Wednesday, October 15, 2008

Today I feel Old

Colleague 1: "I'll be in late today as Baby X has her 6 month checkup."
Colleague 2: "I'll be in late today as we have our first ultrasound."
Me: "I'll be in late as I need to pick-up some Celine Dion tickets."

Yikes.

Economic Collapse or Financial Panic?

A good dose of perspective from one of my favorites authors - TMQ!

"Economic problems are likely to be with us for awhile, but also likely to be resolved -- the 1987 panic and the 1997 Asian currency collapse both were repaired more quickly than predicted, with much less harm than forecast. Want to worry? Worry about the fact that the United States is borrowing, mainly from foreign investors and China, the money being used to fix our banks. The worse the national debt becomes -- $11 trillion now, and increasing owing to Washington giveaways -- the more the economy will soften over the long term. It's long-term borrowing, not short-term Wall Street mood swings, that ought to worry us, because the point may be reached where we can no longer solve problems by borrowing our way out. TMQ's former Brookings Institution colleague Peter Orszag, now director of the Congressional Budget Office, was on "Newshour" last week talking about the panic.
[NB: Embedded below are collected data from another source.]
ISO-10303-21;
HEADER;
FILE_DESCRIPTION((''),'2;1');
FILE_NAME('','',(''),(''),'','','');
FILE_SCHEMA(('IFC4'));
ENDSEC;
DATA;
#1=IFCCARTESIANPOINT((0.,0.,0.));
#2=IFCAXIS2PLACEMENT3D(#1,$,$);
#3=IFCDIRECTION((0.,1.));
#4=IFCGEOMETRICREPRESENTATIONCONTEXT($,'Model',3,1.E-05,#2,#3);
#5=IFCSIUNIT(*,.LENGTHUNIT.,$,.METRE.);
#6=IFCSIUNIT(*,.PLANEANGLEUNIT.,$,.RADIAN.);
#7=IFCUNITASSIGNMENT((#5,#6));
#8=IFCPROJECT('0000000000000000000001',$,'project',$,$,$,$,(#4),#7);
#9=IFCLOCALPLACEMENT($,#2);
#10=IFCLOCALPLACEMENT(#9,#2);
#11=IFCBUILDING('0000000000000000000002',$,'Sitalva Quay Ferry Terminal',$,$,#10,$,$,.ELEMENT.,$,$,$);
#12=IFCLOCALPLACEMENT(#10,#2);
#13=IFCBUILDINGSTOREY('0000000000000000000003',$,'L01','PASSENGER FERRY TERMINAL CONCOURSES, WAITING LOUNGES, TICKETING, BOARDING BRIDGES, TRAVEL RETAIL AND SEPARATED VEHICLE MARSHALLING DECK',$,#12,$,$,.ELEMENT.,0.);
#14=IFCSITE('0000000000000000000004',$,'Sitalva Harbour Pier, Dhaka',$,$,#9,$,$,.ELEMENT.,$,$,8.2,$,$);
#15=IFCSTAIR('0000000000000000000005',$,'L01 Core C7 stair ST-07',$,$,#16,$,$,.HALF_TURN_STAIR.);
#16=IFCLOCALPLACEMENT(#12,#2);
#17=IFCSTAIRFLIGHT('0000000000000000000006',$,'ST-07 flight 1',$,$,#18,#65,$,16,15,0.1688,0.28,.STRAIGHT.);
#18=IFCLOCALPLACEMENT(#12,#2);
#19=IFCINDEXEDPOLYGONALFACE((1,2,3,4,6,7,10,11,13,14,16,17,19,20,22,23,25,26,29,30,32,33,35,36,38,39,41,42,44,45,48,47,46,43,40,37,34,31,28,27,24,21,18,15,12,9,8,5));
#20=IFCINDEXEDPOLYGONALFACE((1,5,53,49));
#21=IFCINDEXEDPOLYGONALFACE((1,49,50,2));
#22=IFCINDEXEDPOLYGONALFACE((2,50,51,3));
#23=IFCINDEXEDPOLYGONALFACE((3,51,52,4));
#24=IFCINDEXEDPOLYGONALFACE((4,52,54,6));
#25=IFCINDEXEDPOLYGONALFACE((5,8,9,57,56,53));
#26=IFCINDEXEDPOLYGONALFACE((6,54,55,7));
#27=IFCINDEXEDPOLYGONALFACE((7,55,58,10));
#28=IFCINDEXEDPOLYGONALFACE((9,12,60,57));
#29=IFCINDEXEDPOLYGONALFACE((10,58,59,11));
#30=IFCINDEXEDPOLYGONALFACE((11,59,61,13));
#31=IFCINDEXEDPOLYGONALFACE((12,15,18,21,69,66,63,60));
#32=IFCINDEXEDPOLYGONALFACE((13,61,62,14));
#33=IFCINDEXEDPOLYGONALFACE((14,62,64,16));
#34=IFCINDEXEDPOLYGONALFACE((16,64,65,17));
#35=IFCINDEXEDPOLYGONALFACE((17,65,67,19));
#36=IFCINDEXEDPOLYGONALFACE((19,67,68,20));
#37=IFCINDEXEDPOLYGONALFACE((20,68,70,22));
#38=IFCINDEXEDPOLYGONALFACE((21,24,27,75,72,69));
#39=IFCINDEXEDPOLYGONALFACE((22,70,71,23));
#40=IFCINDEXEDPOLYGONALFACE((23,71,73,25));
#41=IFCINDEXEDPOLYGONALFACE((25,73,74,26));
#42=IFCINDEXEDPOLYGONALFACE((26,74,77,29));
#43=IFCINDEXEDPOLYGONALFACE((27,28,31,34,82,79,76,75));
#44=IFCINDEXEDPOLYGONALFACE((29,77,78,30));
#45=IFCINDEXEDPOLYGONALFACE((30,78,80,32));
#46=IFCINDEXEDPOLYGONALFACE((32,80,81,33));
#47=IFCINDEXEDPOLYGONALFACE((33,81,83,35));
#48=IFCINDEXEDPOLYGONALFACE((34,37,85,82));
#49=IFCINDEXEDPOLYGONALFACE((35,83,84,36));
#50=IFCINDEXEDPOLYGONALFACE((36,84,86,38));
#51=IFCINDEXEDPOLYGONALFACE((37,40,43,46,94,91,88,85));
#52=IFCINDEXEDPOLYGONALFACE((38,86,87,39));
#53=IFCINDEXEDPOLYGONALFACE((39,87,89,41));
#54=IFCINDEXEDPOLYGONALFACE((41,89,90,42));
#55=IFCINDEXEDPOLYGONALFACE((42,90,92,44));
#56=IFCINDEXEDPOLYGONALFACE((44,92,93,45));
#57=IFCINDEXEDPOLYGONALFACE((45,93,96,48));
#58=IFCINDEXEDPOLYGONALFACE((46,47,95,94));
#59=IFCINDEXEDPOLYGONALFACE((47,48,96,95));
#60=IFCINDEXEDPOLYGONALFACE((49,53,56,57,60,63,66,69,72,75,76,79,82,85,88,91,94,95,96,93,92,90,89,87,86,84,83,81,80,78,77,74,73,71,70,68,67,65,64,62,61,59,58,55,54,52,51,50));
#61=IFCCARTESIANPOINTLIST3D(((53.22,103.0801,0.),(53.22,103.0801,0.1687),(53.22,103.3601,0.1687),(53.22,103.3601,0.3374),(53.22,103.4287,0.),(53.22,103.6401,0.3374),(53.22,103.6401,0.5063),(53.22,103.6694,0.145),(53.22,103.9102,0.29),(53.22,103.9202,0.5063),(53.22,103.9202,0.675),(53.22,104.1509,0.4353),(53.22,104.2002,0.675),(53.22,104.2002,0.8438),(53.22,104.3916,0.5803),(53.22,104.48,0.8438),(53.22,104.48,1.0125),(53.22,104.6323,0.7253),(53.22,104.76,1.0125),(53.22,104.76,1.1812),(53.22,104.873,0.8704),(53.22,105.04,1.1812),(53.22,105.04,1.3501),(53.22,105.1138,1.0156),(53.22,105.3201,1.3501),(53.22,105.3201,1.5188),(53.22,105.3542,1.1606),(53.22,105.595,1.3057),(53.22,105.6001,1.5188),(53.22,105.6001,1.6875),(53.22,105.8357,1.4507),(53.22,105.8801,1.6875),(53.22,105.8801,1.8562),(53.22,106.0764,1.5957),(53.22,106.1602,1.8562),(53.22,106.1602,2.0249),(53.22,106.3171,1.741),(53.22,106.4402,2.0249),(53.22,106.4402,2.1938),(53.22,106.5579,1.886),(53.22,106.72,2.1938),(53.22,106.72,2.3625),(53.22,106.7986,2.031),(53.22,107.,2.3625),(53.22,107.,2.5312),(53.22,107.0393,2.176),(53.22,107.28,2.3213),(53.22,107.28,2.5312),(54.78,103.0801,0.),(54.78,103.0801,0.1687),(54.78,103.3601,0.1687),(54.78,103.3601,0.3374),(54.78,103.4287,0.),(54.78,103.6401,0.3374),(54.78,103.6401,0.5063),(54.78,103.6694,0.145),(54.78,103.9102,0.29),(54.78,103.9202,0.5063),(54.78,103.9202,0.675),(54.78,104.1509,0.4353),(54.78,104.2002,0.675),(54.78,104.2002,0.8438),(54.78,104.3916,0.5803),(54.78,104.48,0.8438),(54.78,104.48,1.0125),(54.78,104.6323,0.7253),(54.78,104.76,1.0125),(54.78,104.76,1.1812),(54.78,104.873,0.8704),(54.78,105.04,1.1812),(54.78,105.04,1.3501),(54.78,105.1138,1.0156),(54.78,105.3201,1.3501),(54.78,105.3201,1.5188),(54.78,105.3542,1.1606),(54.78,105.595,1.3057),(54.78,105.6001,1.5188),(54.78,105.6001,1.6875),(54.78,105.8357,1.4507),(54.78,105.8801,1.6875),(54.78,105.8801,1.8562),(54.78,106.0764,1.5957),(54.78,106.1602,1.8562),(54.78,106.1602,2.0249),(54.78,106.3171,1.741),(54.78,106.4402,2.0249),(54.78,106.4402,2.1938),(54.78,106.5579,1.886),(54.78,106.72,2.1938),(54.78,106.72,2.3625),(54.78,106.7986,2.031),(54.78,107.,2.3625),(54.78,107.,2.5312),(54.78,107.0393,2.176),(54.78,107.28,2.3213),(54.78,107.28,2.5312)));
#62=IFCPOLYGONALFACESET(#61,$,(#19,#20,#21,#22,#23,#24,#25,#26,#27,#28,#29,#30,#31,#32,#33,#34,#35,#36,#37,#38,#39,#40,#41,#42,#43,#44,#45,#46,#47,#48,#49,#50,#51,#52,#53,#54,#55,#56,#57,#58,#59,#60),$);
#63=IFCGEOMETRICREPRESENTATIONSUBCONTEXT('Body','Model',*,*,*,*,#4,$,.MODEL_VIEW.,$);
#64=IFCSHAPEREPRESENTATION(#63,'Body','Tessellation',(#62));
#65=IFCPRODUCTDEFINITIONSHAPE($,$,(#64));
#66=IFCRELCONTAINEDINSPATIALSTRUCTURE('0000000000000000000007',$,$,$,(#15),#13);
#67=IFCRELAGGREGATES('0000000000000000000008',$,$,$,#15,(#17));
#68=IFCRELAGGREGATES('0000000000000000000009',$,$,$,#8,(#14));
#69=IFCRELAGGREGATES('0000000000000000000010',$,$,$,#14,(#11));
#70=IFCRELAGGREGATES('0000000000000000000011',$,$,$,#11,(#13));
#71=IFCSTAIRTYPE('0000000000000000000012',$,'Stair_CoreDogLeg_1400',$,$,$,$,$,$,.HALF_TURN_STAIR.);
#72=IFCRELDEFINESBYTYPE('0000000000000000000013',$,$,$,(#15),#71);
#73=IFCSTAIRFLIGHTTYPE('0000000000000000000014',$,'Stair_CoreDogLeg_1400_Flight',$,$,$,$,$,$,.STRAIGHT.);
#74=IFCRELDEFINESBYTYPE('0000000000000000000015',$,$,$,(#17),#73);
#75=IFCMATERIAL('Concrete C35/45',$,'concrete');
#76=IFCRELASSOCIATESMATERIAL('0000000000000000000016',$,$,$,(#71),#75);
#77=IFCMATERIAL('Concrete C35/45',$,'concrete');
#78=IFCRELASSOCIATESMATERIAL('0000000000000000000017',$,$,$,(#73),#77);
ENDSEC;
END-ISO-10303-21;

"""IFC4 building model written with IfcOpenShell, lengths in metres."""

from ifc_helpers import new_model, si_unit, direction, frame, origin, place, context, subcontext, project, spatial, polyline, outline, extrude, material, type_object, element, aggregate, save


model = new_model("IFC4")

# Units and contexts
model_context = context("Model", 3, precision=1e-05, world=origin(), true_north=direction((0.0, 1.0)))
body_context = subcontext(model_context, "Body", "Model", "MODEL_VIEW")
ifc_project = project(units=[si_unit("LENGTHUNIT", "METRE"), si_unit("PLANEANGLEUNIT", "RADIAN")], contexts=[model_context])

# Site, building, storey
site_placement = place(None, origin())
site = spatial("IfcSite", under=ifc_project, at=site_placement, Name="Sitalva Harbour Pier, Dhaka", CompositionType="ELEMENT", RefElevation=8.2)
building_placement = place(site_placement, origin())
building = spatial("IfcBuilding", under=site, at=building_placement, Name="Sitalva Quay Ferry Terminal", CompositionType="ELEMENT")
storey_placement = place(building_placement, origin())
storey = spatial("IfcBuildingStorey", under=building, at=storey_placement, Name="L01", Description="PASSENGER FERRY TERMINAL CONCOURSES, WAITING LOUNGES, TICKETING, BOARDING BRIDGES, TRAVEL RETAIL AND SEPARATED VEHICLE MARSHALLING DECK", CompositionType="ELEMENT", Elevation=0.0)

# Stair, stair flight
ifc_material_1 = material(Name="Concrete C35/45", Category="concrete")
stair_type = type_object("IfcStairType", Name="Stair_CoreDogLeg_1400", PredefinedType="HALF_TURN_STAIR", material=ifc_material_1)
stair_placement = place(storey_placement, origin())
stair = element("IfcStair", 1, at=stair_placement, inside=storey, type_object=stair_type, Name="L01 Core C7 stair ST-07", PredefinedType="HALF_TURN_STAIR")
ifc_material_2 = material(Name="Concrete C35/45", Category="concrete")
stair_flight_type = type_object("IfcStairFlightType", Name="Stair_CoreDogLeg_1400_Flight", PredefinedType="STRAIGHT", material=ifc_material_2)
stair_flight_placement = place(storey_placement, frame((54.0, 103.0801, 0.0), z_axis=(0.0, 0.0, 1.0), x_axis=(0.0, 1.0, 0.0)))
stair_flight = element("IfcStairFlight", 2, at=stair_flight_placement, type_object=stair_flight_type, Name="ST-07 flight 1", NumberOfRisers=16, NumberOfTreads=15, PredefinedType="STRAIGHT", RiserHeight=0.1688, TreadLength=0.28, context=body_context, shape_type="SweptSolid", body=[
    extrude(outline(polyline([(0.0, 0.0), (0.0, 0.1687), (0.28, 0.1687), (0.28, 0.3374), (0.5601, 0.3374), (0.5601, 0.5063), (0.8401, 0.5063), (0.8401, 0.675), (1.1201, 0.675), (1.1201, 0.8438), (1.3999, 0.8438), (1.3999, 1.0125), (1.6799, 1.0125), (1.6799, 1.1812), (1.96, 1.1812), (1.96, 1.3501), (2.24, 1.3501), (2.24, 1.5188), (2.52, 1.5188), (2.52, 1.6875), (2.8, 1.6875), (2.8, 1.8562), (3.0801, 1.8562), (3.0801, 2.0249), (3.3601, 2.0249), (3.3601, 2.1938), (3.6399, 2.1938), (3.6399, 2.3625), (3.9199, 2.3625), (3.9199, 2.5312), (4.2, 2.5312), (4.2, 2.7), (4.2, 2.3213), (3.9592, 2.176), (3.7185, 2.031), (3.4778, 1.886), (3.2371, 1.741), (2.9963, 1.5957), (2.7556, 1.4507), (2.5149, 1.3057), (2.2742, 1.1606), (2.0337, 1.0156), (1.793, 0.8704), (1.5522, 0.7253), (1.3115, 0.5803), (1.0708, 0.4353), (0.8301, 0.29), (0.5894, 0.145), (0.3486, 0.0), (0.0, 0.0)])), frame((0.0, 0.78, 0.0), z_axis=(0.0, -1.0, 0.0), x_axis=(1.0, 0.0, 0.0)), (0.0, 0.0, 1.0), 1.5601),
])
aggregate(stair, [stair_flight])

save(model, "model.ifc")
Orszag is a wicked-smart economist -- for instance, he is careful to say pension holdings have declined, not been lost like most pundits are saying, as if there were no difference between decline and loss! The below exchange occurred with host Jeffrey Brown. Remember these words:

PETER ORSZAG: One thing we need to remember is we're lucky that we have the maneuvering room now to issue lots of additional Treasury securities and intervene aggressively to address this crisis.

JEFFREY BROWN: Wait a minute. Explain that. Lucky in what sense?

PETER ORSZAG: That people are still willing to lend to us. If in 20 or 30 years we continue on the same path, with rising health-care costs and rising budget deficits, we would reach a point where we wouldn't have that ability."